Now all we have to do is figure out how to use the t test to decide whether to reject or not reject the null hypothesis. Look again at the significance value which is 0.020. That tells you that the probability of being wrong if you rejected the null hypothesis is. 02 or 2 times out of one hundred. With odds like that, of course, we’re going to reject the null hypothesis. A common rule is to reject the null hypothesis if the significance value is less than .05 or less than five out of one hundred.

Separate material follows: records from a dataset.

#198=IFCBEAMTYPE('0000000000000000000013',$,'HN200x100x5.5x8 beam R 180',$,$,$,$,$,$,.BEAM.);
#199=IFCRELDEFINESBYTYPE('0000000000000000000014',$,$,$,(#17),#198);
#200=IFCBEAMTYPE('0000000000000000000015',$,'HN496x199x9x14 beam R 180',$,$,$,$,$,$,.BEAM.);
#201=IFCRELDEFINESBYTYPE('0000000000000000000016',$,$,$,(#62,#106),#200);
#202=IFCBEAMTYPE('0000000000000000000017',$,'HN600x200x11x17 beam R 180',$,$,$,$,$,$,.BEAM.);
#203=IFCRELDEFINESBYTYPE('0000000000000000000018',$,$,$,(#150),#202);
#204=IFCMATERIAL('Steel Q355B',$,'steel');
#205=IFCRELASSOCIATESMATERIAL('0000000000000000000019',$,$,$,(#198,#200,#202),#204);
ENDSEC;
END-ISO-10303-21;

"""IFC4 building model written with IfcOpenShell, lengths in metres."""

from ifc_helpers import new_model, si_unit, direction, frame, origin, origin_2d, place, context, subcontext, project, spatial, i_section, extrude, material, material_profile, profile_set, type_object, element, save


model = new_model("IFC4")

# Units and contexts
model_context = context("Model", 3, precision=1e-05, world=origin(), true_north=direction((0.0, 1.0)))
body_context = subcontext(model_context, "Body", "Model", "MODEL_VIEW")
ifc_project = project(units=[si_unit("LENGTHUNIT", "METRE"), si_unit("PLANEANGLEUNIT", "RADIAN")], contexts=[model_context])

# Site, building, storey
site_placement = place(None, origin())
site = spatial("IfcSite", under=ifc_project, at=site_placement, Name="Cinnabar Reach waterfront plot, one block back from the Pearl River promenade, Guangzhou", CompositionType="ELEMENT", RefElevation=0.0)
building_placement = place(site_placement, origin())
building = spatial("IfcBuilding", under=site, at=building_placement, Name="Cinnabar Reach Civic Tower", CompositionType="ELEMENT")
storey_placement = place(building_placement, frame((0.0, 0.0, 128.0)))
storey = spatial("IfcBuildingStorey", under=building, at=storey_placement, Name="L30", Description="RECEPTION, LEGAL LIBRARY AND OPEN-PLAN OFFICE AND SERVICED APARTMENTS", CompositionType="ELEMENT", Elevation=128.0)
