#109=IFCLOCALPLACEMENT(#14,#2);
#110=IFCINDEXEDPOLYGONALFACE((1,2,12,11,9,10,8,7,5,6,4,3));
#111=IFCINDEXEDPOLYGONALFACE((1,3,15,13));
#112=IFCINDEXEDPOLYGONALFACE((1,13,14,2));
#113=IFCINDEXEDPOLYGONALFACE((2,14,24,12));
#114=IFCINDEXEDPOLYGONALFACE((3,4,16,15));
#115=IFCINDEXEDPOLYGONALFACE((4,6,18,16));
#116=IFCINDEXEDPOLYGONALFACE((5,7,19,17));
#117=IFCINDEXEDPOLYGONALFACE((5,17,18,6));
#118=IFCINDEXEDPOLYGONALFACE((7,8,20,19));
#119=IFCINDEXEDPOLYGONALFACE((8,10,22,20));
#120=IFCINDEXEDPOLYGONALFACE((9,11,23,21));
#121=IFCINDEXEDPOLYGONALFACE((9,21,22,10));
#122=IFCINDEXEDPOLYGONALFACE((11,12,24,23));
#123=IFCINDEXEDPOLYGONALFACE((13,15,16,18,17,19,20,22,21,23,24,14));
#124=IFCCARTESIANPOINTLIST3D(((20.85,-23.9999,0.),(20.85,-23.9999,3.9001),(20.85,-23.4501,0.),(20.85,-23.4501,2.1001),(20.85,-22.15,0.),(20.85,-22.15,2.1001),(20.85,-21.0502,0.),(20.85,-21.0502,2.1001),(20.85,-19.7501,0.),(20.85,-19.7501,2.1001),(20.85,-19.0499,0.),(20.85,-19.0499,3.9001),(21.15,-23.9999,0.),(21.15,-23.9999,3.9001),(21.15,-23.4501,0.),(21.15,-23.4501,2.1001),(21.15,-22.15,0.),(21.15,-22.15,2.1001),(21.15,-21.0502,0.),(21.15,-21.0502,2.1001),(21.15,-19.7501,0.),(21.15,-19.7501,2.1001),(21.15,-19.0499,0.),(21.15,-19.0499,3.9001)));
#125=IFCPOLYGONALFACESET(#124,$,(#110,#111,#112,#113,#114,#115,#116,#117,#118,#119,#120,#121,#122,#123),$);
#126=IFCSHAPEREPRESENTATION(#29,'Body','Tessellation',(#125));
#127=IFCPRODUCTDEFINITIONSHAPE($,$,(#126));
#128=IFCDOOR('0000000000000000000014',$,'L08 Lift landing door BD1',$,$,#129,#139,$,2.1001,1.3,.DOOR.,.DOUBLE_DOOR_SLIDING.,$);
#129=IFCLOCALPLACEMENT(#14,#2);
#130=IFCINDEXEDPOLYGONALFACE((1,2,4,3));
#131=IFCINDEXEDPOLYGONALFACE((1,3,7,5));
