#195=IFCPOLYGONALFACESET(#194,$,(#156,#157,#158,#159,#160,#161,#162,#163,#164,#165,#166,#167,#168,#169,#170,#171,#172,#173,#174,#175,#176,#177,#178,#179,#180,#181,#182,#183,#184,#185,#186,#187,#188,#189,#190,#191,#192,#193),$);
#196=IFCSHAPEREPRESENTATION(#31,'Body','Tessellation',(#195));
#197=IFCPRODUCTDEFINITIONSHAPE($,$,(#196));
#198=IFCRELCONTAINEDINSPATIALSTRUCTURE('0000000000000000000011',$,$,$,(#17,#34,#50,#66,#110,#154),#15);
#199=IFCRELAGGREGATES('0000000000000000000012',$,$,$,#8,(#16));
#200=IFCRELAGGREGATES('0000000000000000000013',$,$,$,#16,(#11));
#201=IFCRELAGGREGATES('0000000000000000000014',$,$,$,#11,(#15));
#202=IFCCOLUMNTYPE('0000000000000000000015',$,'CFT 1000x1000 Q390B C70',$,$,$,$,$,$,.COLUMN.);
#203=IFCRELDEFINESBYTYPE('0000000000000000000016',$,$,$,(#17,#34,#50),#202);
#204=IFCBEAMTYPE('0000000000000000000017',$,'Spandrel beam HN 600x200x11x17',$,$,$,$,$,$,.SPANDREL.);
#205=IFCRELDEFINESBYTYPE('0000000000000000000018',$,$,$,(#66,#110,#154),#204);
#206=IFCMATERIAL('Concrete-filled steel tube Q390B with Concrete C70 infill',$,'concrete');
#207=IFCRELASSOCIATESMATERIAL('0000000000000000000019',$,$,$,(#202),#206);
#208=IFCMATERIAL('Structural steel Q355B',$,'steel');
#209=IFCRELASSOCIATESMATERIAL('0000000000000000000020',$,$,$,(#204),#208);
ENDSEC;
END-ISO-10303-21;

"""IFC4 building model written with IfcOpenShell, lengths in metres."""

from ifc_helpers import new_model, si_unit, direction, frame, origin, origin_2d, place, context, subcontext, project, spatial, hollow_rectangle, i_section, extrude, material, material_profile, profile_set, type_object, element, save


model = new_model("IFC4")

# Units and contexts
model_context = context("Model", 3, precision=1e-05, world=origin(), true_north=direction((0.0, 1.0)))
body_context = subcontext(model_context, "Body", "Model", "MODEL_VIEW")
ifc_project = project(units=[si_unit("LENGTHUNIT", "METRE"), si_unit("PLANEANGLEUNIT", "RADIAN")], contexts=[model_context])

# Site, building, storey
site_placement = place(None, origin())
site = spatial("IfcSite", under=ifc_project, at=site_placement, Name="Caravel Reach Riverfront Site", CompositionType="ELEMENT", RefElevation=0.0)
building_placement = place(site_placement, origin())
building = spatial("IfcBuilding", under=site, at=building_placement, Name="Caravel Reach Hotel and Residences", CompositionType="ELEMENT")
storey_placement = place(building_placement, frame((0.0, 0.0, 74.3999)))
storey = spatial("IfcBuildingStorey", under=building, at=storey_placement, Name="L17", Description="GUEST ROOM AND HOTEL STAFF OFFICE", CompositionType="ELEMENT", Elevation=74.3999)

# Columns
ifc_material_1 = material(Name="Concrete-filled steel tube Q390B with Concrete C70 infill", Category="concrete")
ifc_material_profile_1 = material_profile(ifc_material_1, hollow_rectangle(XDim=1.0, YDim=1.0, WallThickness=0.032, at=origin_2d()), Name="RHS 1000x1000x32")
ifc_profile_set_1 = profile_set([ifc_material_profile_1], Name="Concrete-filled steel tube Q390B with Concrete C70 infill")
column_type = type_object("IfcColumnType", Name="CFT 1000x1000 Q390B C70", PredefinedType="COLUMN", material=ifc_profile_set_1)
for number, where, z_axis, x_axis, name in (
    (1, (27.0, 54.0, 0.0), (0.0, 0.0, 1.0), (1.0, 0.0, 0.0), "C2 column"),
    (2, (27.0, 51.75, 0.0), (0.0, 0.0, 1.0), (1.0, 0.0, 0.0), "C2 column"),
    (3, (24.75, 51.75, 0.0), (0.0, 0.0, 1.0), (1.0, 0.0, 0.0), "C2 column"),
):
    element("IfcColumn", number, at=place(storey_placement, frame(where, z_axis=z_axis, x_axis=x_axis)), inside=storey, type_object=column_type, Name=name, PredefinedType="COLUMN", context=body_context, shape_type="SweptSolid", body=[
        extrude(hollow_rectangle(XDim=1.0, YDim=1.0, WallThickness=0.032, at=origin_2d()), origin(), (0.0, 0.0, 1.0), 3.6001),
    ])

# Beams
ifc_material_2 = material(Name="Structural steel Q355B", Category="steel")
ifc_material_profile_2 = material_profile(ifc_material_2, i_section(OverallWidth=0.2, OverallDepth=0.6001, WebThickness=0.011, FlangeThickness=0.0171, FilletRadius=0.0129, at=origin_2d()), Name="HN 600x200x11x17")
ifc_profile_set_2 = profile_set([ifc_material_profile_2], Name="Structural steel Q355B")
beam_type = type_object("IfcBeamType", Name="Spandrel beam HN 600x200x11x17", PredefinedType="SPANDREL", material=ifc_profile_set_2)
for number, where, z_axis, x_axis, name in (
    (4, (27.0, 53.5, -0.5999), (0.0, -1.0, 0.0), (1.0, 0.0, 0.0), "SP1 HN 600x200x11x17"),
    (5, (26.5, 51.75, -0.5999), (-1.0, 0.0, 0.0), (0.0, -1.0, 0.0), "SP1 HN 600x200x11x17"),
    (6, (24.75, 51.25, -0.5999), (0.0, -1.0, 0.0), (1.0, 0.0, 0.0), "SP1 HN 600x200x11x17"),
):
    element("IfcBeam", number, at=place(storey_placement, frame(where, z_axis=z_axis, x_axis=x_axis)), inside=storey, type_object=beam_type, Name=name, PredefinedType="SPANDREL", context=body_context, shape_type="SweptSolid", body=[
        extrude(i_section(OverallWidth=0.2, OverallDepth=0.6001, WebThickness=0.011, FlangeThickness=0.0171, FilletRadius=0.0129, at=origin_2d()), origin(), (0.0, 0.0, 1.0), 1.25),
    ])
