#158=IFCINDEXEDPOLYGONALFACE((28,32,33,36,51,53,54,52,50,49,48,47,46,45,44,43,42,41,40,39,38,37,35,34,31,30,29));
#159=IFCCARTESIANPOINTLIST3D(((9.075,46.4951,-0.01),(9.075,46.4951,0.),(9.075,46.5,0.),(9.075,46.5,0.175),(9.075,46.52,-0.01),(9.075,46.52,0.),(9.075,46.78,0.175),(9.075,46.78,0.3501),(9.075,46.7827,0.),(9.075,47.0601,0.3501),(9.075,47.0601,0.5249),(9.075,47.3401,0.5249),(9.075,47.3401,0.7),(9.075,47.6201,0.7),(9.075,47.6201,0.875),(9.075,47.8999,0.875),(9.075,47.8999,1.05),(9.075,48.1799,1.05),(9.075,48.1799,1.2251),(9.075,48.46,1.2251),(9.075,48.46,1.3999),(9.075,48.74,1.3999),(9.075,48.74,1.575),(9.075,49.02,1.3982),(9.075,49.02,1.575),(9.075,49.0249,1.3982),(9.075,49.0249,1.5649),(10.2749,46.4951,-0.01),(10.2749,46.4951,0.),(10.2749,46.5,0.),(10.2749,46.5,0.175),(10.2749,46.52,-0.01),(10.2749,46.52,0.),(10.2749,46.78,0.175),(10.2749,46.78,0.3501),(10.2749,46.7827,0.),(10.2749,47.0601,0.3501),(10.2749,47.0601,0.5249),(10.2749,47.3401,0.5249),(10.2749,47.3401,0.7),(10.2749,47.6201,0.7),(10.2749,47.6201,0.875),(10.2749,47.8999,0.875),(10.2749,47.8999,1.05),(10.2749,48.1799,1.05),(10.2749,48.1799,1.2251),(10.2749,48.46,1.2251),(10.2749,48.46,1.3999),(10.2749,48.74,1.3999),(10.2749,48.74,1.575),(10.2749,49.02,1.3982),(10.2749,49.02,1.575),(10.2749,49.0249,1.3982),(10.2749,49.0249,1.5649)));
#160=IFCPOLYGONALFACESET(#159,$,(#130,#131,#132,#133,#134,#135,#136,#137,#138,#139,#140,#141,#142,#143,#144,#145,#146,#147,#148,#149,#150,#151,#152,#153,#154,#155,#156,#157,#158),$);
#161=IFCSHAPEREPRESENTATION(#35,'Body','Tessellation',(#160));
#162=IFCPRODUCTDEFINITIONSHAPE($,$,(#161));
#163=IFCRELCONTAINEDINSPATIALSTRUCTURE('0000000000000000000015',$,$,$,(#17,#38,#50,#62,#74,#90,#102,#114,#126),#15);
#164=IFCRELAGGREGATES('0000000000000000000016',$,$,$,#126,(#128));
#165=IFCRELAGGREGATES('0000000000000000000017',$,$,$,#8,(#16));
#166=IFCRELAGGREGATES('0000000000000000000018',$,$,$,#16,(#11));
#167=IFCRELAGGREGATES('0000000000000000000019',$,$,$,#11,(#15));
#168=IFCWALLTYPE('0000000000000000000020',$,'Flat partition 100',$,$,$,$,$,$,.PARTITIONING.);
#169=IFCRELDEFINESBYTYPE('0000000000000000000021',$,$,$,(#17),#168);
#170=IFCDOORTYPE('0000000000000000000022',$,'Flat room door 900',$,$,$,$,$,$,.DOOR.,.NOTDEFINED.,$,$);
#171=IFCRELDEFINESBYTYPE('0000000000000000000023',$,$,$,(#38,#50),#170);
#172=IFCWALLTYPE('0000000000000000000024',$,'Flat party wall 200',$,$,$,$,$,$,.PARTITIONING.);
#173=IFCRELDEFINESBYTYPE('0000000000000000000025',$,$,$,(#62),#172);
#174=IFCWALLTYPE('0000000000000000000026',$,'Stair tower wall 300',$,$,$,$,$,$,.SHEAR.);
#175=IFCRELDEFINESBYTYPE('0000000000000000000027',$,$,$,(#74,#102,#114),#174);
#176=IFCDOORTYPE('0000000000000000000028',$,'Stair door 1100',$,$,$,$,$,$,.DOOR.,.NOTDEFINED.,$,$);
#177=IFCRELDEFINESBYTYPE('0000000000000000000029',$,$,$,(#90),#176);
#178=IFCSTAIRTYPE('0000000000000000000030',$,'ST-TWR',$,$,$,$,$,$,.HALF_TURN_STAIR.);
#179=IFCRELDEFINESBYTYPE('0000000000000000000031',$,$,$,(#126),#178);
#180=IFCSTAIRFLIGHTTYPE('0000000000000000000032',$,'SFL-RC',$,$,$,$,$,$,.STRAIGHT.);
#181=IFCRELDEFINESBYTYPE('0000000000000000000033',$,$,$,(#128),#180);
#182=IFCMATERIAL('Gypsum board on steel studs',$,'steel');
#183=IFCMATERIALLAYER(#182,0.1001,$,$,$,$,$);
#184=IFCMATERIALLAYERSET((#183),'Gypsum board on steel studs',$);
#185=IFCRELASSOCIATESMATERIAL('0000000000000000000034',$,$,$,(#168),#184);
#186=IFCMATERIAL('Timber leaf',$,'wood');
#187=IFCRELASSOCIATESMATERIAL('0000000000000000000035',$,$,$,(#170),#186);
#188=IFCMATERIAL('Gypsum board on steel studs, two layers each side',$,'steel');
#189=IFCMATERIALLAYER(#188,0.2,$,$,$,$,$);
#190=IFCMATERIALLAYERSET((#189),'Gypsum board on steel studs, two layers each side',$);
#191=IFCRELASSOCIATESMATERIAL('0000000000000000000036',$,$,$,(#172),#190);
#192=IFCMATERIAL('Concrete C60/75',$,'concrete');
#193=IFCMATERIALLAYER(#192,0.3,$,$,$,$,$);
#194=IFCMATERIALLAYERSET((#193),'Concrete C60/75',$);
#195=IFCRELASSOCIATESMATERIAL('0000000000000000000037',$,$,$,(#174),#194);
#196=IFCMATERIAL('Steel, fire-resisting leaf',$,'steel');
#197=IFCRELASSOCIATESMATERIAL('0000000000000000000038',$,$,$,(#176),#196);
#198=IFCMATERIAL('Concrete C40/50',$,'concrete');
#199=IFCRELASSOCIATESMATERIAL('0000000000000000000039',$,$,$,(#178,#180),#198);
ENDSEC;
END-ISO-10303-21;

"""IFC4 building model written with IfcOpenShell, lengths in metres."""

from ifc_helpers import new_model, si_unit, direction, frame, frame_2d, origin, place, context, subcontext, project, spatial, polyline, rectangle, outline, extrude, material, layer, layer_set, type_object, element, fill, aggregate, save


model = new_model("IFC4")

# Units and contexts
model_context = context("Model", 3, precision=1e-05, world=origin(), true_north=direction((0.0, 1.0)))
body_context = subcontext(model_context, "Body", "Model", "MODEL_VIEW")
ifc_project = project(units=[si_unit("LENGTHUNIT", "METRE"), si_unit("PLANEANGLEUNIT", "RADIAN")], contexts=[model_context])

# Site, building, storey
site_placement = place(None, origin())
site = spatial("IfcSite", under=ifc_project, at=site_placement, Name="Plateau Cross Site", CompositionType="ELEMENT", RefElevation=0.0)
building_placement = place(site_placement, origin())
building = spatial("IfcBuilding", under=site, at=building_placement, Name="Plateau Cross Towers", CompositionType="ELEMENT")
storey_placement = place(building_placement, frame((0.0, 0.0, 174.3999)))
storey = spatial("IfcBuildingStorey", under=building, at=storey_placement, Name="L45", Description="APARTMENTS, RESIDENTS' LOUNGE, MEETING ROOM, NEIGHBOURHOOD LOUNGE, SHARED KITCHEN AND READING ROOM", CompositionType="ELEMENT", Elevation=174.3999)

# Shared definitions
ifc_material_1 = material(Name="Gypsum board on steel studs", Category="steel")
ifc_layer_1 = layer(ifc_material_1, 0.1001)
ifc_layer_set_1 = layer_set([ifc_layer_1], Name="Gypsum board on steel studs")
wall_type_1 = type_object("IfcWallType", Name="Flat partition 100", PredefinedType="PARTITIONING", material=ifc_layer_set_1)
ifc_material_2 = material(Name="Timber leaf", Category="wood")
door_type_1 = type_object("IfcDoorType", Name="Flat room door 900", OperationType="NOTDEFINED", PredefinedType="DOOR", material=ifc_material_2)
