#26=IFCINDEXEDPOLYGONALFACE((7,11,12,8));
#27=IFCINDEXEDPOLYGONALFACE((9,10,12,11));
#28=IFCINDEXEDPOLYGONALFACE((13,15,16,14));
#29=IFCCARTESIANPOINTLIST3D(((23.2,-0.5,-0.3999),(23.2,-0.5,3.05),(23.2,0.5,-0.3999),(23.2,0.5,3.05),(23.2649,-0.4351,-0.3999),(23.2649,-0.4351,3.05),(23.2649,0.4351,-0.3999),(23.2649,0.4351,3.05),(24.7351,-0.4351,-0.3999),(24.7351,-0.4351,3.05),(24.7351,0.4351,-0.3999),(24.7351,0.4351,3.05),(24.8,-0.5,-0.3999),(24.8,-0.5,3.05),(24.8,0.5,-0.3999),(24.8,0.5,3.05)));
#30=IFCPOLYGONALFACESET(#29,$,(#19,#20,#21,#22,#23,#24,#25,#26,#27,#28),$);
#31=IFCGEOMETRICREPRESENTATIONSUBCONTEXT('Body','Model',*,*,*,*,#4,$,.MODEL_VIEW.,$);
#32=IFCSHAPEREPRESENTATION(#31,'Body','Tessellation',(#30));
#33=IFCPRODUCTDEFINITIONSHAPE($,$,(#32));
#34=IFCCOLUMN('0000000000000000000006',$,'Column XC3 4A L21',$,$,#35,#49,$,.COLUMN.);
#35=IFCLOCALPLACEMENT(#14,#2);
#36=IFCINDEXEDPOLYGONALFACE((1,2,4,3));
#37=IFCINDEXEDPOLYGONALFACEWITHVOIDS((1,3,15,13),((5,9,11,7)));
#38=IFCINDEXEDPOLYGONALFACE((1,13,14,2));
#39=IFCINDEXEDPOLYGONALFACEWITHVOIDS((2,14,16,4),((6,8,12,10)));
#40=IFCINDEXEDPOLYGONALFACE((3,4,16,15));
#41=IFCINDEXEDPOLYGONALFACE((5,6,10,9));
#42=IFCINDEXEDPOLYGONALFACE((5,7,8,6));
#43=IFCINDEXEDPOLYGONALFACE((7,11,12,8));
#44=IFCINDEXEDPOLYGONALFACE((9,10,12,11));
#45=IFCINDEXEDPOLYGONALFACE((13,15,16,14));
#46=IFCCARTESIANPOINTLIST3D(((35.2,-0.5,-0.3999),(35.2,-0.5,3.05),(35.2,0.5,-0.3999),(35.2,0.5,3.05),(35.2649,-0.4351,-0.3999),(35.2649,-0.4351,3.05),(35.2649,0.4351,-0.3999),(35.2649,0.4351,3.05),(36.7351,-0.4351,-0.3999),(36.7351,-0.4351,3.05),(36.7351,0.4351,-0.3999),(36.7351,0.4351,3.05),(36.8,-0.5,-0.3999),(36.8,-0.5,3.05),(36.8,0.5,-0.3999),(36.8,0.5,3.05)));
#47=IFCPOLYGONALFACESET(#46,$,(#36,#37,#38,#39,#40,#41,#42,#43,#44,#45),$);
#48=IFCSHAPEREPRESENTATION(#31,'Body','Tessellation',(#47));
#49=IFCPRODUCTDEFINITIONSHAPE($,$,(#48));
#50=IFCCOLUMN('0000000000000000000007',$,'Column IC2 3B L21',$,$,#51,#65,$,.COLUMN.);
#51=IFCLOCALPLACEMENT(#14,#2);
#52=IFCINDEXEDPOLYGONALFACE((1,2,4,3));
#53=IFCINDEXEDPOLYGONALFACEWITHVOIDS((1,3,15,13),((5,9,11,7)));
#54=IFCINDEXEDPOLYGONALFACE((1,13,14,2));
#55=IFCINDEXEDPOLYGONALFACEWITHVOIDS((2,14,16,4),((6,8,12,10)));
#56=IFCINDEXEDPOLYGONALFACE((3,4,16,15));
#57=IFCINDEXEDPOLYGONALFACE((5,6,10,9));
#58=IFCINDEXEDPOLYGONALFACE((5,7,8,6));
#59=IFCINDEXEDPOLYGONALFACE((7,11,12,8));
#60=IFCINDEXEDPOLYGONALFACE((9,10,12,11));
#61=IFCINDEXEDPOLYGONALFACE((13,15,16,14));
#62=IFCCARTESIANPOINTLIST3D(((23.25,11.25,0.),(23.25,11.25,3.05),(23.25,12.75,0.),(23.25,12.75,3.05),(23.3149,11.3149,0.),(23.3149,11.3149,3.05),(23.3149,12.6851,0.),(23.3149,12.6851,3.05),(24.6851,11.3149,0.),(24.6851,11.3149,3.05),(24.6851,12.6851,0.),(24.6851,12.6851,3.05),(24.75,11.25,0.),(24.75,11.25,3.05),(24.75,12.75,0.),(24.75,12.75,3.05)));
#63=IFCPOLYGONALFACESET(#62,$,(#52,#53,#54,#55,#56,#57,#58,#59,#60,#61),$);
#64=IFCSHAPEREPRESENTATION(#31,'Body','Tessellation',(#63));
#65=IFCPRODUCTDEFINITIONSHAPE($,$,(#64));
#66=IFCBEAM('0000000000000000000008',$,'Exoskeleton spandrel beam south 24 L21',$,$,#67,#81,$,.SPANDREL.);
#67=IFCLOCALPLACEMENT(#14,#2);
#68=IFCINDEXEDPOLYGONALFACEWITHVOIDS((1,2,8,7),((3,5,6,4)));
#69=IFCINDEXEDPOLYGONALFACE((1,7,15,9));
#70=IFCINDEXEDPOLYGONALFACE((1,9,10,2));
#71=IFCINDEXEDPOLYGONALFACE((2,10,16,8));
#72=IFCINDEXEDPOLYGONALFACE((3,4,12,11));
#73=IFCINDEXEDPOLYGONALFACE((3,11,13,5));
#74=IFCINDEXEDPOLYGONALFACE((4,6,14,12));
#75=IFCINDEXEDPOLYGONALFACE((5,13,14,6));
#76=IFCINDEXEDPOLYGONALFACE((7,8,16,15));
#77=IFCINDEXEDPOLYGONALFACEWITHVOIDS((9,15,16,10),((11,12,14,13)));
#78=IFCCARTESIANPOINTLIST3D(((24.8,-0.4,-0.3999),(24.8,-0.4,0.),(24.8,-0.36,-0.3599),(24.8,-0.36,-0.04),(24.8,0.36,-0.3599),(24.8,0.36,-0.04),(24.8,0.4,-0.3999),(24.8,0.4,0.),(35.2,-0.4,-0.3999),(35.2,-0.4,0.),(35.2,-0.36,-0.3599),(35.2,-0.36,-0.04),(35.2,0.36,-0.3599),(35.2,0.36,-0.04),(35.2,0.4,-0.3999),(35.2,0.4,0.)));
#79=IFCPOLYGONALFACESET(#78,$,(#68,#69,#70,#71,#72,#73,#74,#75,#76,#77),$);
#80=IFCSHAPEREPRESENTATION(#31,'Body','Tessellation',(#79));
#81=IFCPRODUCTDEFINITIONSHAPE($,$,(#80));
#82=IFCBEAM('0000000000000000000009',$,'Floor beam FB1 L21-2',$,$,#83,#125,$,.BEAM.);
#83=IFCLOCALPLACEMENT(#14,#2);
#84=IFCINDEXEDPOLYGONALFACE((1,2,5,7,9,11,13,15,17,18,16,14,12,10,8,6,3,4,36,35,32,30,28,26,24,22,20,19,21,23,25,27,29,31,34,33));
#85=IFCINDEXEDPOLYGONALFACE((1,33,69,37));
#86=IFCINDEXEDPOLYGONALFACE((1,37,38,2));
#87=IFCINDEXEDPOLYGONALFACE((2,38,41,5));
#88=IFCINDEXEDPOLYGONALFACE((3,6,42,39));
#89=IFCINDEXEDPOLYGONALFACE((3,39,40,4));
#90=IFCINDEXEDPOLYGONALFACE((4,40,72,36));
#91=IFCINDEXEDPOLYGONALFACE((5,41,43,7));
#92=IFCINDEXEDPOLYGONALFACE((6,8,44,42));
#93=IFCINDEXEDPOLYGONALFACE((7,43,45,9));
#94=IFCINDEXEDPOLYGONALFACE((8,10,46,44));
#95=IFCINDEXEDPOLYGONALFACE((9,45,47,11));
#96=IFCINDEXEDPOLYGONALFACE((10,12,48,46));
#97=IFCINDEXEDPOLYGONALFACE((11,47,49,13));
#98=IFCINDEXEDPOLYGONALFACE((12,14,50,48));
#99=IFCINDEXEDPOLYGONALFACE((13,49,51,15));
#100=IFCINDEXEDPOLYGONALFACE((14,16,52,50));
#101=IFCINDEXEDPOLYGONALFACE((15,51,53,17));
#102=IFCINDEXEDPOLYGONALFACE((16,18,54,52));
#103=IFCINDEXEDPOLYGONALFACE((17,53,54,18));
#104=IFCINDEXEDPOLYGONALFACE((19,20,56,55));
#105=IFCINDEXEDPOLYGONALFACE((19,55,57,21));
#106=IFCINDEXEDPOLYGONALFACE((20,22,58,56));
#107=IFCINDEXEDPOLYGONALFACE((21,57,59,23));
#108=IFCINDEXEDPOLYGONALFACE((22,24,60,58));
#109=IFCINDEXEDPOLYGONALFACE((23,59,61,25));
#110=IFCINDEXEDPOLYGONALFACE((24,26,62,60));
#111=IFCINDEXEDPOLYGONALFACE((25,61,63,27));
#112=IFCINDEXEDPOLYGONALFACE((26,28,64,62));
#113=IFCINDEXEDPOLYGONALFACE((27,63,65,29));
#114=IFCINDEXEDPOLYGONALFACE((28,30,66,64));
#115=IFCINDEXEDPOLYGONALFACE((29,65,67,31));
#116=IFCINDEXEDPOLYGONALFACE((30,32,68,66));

But wait a minute. The SPSS output said this was a two-tailed significance value. What does that mean? Look back at the research hypothesis which was that the mean difference score for all pairs in the population was less than 0. We’re predicting that the mean difference score for all pairs in the population will be negative. That’s called a one-tailed test and we have to use a one-tailed significance value. It’s easy to get the one-tailed significance value if we know the two-tailed significance value. If the two-tailed significance value is .020 then the one-tailed significance value is half that or .020 divided by two or .010. We still reject the null hypothesis which means that we have evidence to support our research hypothesis. We haven’t proven the research hypothesis to be true but we have evidence to support it.
Part IV – Now it’s Your Turn Again
In this part of the exercise you want to compare the years of school completed by respondents and their spouses to determine if women have more education than their spouses but this time you want to test the appropriate null hypotheses.
Remember from Part II that we have to test this hypothesis first for men and then for women. We’re going to do this by selecting out all the men and then computing the paired-samples t test. Do this by clicking on “Data” in the menu bar and then clicking on “Select Cases.” Select “If condition is satisfied” and then click on “If” in the box below. Select d5_sex and move it to the box on the right by clicking on the arrow pointing to the right. Now click on the equals sign and then on 1 so the expression in the box reads “d5_sex = 1”. Click on “Continue” and then on “OK”. To make sure you have selected out the males run a frequency distribution for d5_sex. You should only see the males (i.e., value 1). Now carry out the paired-samples t test. Repeat this for the females (i.e., value 2) by selecting out the females and then running the paired-samples t test again.
For each paired-sample t test, state the research and the null hypotheses. Do you reject or not reject the null hypotheses? Explain why.